Wherever fire should have been
was often cold. The furnace,
the hearth. Plaster dust folded
into our daily bread. We ate it for years.

Prompt

Start with an abandoned poem or draft that centers on some aspect of your childhood – the older the better. Look for more recent experiences that echo what you have written and use details from them to flesh out and add layers/dimensions to the what is in your memory.


Lee Potts is the founder and editor-in-chief of Stone Circle Review. A Pushcart Prize and Best of the Net nominee, his work has appeared in The Night Heron Barks, Rust + Moth, Whale Road Review, UCity Review, Firmament, and elsewhere. Lee is the author of We’ll Miss the Stars in the Morning (Bottlecap Press, 2024) and And Drought Will Follow (Frosted Fire, 2021).

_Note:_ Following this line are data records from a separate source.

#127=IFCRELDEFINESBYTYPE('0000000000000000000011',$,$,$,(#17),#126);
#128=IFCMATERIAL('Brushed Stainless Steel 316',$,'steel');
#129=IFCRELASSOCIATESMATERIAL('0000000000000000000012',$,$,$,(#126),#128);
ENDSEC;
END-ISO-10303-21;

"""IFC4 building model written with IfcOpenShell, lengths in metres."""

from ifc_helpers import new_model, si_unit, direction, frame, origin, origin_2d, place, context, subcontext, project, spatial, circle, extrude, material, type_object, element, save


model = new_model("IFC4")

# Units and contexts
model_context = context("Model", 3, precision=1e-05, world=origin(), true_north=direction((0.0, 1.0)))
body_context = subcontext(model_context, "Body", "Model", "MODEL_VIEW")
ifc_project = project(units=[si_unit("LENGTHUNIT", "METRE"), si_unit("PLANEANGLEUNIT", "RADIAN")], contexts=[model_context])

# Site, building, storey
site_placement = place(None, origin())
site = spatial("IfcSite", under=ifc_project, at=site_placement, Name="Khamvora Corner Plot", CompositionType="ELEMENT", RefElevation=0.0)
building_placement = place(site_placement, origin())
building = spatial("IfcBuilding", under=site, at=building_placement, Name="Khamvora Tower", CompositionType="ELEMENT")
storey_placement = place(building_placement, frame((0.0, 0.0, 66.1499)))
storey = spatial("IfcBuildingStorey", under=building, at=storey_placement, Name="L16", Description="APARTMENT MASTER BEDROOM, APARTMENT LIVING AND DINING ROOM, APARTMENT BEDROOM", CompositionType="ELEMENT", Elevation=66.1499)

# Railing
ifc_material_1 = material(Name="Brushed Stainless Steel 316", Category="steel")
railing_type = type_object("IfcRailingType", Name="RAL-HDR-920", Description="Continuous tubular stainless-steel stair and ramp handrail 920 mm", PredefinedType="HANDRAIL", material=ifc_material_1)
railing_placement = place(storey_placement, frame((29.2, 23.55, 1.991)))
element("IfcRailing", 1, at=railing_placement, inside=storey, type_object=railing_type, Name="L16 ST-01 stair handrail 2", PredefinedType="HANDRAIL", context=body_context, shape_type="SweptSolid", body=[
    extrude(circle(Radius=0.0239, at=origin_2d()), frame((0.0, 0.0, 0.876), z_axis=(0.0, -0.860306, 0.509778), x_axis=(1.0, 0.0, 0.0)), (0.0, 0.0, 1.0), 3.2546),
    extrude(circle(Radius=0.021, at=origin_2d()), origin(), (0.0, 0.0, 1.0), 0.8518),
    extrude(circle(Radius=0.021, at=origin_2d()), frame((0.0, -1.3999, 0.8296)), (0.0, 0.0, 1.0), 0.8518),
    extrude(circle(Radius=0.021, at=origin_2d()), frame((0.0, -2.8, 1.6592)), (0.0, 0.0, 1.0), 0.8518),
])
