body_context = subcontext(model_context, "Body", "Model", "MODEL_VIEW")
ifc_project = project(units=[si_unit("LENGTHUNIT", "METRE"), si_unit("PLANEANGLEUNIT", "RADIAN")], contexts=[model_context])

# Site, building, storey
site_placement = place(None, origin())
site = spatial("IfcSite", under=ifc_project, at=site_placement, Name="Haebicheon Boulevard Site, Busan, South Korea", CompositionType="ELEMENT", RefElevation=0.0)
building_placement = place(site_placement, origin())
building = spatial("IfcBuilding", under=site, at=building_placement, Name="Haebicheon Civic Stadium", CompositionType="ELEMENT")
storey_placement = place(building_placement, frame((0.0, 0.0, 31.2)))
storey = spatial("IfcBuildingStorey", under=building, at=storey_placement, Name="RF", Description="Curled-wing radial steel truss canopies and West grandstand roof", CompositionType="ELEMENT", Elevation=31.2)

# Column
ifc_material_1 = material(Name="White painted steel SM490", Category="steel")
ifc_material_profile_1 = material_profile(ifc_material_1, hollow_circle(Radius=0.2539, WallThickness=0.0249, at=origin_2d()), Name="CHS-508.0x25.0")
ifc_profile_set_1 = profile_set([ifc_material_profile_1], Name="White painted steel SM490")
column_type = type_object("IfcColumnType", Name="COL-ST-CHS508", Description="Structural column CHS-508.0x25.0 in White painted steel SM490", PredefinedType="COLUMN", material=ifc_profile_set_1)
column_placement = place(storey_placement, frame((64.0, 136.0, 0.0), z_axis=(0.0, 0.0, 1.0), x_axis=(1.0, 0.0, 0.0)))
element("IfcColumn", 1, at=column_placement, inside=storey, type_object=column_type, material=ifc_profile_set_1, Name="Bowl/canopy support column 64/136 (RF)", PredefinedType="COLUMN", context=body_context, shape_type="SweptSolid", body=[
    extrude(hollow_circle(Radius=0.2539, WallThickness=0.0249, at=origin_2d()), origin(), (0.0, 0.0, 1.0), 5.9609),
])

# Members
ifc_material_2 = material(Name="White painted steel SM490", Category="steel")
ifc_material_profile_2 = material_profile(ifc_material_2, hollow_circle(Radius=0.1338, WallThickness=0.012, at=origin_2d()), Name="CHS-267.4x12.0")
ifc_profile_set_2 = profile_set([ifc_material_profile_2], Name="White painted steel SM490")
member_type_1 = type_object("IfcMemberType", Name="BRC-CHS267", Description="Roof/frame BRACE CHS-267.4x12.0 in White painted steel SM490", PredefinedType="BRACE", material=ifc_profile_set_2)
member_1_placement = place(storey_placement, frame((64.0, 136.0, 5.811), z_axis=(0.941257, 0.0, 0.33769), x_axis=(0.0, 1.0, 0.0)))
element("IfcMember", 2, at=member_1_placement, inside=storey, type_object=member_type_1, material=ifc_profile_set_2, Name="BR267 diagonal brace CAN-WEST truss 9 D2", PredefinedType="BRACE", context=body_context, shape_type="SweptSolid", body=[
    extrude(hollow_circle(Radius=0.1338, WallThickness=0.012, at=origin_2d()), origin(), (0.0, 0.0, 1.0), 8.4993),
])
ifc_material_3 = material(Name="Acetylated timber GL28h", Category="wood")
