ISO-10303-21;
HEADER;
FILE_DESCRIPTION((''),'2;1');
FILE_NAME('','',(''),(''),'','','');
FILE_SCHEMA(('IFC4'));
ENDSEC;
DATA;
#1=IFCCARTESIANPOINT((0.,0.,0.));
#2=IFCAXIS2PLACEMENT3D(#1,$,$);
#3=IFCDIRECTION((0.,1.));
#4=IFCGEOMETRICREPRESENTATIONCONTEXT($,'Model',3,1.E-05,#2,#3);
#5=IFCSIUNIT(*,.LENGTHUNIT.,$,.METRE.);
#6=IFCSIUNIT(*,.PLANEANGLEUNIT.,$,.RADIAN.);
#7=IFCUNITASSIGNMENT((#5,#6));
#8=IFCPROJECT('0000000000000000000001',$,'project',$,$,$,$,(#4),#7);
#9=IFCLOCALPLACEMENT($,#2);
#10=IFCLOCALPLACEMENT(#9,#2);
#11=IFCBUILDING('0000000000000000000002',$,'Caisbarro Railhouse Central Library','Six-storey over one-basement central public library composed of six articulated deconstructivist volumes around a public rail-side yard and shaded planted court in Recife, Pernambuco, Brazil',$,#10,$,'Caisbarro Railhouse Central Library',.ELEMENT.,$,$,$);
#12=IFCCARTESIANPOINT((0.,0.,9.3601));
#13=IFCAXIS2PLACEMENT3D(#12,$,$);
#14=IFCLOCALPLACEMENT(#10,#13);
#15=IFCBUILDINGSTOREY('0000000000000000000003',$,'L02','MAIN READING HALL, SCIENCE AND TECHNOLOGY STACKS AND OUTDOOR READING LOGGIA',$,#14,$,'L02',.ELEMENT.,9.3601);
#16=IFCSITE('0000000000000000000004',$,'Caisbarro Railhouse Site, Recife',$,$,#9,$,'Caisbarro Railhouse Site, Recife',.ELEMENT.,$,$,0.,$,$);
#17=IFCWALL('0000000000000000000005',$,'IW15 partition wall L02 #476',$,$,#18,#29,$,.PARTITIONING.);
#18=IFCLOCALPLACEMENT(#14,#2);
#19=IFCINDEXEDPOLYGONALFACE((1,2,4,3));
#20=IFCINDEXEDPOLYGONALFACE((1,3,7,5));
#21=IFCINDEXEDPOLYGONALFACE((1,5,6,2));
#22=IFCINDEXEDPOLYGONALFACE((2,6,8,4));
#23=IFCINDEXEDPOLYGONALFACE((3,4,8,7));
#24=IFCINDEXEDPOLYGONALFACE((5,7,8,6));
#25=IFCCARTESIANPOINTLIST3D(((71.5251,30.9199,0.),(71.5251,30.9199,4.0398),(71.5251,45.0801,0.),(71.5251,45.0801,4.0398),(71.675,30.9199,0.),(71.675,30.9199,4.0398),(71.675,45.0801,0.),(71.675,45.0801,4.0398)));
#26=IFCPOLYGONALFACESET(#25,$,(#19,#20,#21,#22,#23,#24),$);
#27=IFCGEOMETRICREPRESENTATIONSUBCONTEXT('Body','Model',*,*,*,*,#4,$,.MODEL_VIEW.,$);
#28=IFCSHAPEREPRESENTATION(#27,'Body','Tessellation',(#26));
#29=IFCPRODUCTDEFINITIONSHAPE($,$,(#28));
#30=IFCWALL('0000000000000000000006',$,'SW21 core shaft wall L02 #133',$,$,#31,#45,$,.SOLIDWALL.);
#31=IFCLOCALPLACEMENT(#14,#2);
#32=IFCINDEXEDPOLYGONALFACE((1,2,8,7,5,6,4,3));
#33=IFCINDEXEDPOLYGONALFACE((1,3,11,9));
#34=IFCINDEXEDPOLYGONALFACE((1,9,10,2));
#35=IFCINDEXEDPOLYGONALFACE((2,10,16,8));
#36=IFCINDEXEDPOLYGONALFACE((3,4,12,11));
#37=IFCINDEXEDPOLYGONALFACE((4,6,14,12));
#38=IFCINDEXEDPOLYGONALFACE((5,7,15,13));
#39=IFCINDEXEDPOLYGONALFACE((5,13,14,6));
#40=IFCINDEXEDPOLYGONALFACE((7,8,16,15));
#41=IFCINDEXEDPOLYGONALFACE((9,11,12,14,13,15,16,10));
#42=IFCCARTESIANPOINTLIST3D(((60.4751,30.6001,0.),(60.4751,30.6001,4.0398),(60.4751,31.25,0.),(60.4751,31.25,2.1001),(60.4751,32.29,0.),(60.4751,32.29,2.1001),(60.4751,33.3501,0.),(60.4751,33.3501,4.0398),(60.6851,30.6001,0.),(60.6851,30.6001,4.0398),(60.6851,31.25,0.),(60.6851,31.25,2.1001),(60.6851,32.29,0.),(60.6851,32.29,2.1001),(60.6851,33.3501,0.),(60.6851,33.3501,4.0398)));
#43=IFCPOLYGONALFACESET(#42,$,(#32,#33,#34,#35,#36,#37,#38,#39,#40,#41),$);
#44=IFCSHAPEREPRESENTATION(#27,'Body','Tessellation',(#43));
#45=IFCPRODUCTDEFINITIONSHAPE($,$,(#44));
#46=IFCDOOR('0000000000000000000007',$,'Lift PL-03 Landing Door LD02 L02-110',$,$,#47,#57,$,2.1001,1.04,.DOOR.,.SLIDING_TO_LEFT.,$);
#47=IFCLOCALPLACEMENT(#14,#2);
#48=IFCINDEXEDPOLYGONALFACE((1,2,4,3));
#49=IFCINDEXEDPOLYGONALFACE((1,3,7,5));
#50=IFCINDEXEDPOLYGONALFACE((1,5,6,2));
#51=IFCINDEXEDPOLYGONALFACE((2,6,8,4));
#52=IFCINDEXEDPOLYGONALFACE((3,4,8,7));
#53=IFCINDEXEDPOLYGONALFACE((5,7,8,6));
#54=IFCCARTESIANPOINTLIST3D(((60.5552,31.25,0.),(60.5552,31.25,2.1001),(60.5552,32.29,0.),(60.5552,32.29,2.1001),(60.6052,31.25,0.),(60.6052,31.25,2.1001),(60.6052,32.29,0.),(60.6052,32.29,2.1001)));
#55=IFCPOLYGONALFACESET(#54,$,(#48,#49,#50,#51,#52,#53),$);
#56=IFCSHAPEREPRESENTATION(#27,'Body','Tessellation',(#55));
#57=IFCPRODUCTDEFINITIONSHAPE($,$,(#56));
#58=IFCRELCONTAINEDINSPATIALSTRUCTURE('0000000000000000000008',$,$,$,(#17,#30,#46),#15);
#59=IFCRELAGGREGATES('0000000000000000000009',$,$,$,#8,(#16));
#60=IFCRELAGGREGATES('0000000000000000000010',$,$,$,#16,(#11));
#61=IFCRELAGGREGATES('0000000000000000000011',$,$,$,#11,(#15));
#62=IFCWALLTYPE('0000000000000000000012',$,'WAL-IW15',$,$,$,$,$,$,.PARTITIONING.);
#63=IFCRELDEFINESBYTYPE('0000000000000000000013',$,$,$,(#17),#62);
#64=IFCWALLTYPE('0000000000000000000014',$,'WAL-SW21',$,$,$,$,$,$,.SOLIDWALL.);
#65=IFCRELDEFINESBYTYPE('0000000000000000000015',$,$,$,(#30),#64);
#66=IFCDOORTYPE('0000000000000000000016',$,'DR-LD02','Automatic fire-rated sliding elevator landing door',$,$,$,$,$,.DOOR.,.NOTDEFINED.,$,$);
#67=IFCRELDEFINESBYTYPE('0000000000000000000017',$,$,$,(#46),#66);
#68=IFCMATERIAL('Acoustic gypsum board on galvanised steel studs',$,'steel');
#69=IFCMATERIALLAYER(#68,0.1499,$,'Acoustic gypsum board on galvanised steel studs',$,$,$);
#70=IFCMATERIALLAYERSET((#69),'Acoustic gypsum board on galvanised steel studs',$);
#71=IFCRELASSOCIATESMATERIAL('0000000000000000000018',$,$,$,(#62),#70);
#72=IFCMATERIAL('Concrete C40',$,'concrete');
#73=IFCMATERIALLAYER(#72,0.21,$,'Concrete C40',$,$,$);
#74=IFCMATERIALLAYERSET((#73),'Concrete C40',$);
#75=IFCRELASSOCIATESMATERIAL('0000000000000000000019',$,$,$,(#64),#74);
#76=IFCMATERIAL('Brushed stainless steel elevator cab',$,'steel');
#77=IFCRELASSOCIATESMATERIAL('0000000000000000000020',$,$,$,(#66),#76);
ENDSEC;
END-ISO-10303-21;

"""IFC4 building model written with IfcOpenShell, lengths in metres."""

from ifc_helpers import new_model, si_unit, direction, frame, frame_2d, origin, place, context, subcontext, project, spatial, rectangle, extrude, material, layer, layer_set, type_object, element, fill, save


model = new_model("IFC4")

# Units and contexts
model_context = context("Model", 3, precision=1e-05, world=origin(), true_north=direction((0.0, 1.0)))
body_context = subcontext(model_context, "Body", "Model", "MODEL_VIEW")
ifc_project = project(units=[si_unit("LENGTHUNIT", "METRE"), si_unit("PLANEANGLEUNIT", "RADIAN")], contexts=[model_context])

# Site, building, storey
site_placement = place(None, origin())
site = spatial("IfcSite", under=ifc_project, at=site_placement, Name="Caisbarro Railhouse Site, Recife", LongName="Caisbarro Railhouse Site, Recife", CompositionType="ELEMENT", RefElevation=0.0)
building_placement = place(site_placement, origin())
building = spatial("IfcBuilding", under=site, at=building_placement, Name="Caisbarro Railhouse Central Library", Description="Six-storey over one-basement central public library composed of six articulated deconstructivist volumes around a public rail-side yard and shaded planted court in Recife, Pernambuco, Brazil", LongName="Caisbarro Railhouse Central Library", CompositionType="ELEMENT")
storey_placement = place(building_placement, frame((0.0, 0.0, 9.3601)))
storey = spatial("IfcBuildingStorey", under=building, at=storey_placement, Name="L02", Description="MAIN READING HALL, SCIENCE AND TECHNOLOGY STACKS AND OUTDOOR READING LOGGIA", LongName="L02", CompositionType="ELEMENT", Elevation=9.3601)

# Shared definitions
ifc_material_1 = material(Name="Concrete C40", Category="concrete")

# Wall
ifc_material_2 = material(Name="Acoustic gypsum board on galvanised steel studs", Category="steel")
ifc_layer_1 = layer(ifc_material_2, 0.1499, Name="Acoustic gypsum board on galvanised steel studs")
ifc_layer_set_1 = layer_set([ifc_layer_1], Name="Acoustic gypsum board on galvanised steel studs")
wall_type_1 = type_object("IfcWallType", Name="WAL-IW15", PredefinedType="PARTITIONING", material=ifc_layer_set_1)
wall_1_placement = place(storey_placement, frame((71.6001, 30.9199, 0.0), z_axis=(0.0, 0.0, 1.0), x_axis=(0.0, 1.0, 0.0)))
element("IfcWall", 1, at=wall_1_placement, inside=storey, type_object=wall_type_1, Name="IW15 partition wall L02 #476", PredefinedType="PARTITIONING", context=body_context, shape_type="SweptSolid", body=[
    extrude(rectangle(XDim=14.1602, YDim=0.1499, at=frame_2d((7.0801, 0.0))), origin(), (0.0, 0.0, 1.0), 4.0398),
])

# Wall, opening, door
ifc_layer_2 = layer(ifc_material_1, 0.21, Name="Concrete C40")
ifc_layer_set_2 = layer_set([ifc_layer_2], Name="Concrete C40")
wall_type_2 = type_object("IfcWallType", Name="WAL-SW21", PredefinedType="SOLIDWALL", material=ifc_layer_set_2)
wall_2_placement = place(storey_placement, frame((60.5801, 30.6001, 0.0), z_axis=(0.0, 0.0, 1.0), x_axis=(0.0, 1.0, 0.0)))
wall_2 = element("IfcWall", 2, at=wall_2_placement, inside=storey, type_object=wall_type_2, Name="SW21 core shaft wall L02 #133", PredefinedType="SOLIDWALL", context=body_context, shape_type="SweptSolid", body=[
    extrude(rectangle(XDim=2.75, YDim=0.21, at=frame_2d((1.375, 0.0))), origin(), (0.0, 0.0, 1.0), 4.0398),
])
opening_1_placement = place(wall_2_placement, frame((0.6499, 0.0, 0.0)))
opening_1 = element("IfcOpeningElement", 3, at=opening_1_placement, cuts=wall_2, PredefinedType="OPENING", context=body_context, shape_type="SweptSolid", body=[
    extrude(rectangle(XDim=1.04, YDim=2.1001, at=frame_2d((0.52, 1.05))), frame((0.0, 0.115, 0.0), z_axis=(0.0, -1.0, 0.0), x_axis=(1.0, 0.0, 0.0)), (0.0, 0.0, 1.0), 0.23),
])
ifc_material_3 = material(Name="Brushed stainless steel elevator cab", Category="steel")
door_type_1 = type_object("IfcDoorType", Name="DR-LD02", Description="Automatic fire-rated sliding elevator landing door", OperationType="NOTDEFINED", PredefinedType="DOOR", material=ifc_material_3)
door_1_placement = place(opening_1_placement, origin())
door_1 = element("IfcDoor", 4, at=door_1_placement, inside=storey, type_object=door_type_1, Name="Lift PL-03 Landing Door LD02 L02-110", OperationType="SLIDING_TO_LEFT", OverallHeight=2.1001, OverallWidth=1.04, PredefinedType="DOOR", context=body_context, shape_type="SweptSolid", body=[
    extrude(rectangle(XDim=1.04, YDim=2.1001, at=frame_2d((0.52, 1.05))), frame((0.0, 0.0249, 0.0), z_axis=(0.0, -1.0, 0.0), x_axis=(1.0, 0.0, 0.0)), (0.0, 0.0, 1.0), 0.05),
])
fill(opening_1, door_1)

save(model, "model.ifc")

Postmodern Breugel’s Icarus Poem

if his intent
was to confine
the moral
to the edge, to
the puny feet
by which the boy’s
muted entry into
the water is made
known, then, yes:
the eye is masterfully
misdirected to the plot
of land, the farmer’s bright
red sleeve, the slope
beneath
him, his plow;
but the painter’s hand,
whether he intended
so or not,
returned
repeatedly to the pot
of blue, applied
a wash
of brine
to everything:
every eye,
from every height,
conceding
consanguinity with the sea

Prompt: Consider Bruegel’s painting “Landscape with the Fall of Icarus” and W.H. Auden’s response poem “Musée des Beaux Arts,” alongside William Carlos Williams’ response poem “Landscape with the Fall of Icarus.” Responses to art need not remain any more static than interpretation of the art itself–with this in mind, and using the above touchstones, write your own response to Bruegel’s landscape.


Jennifer A Sutherland is a poet, essayist, and attorney in Baltimore, and the author of the hybrid, book-length poem Bullet Points: a lyric (River River books, 2023). Her work has appeared or will appear in Hopkins Review, Best New Poets, Denver Quarterly, I-70 Review, Cagibi, Appalachian Review, and elsewhere.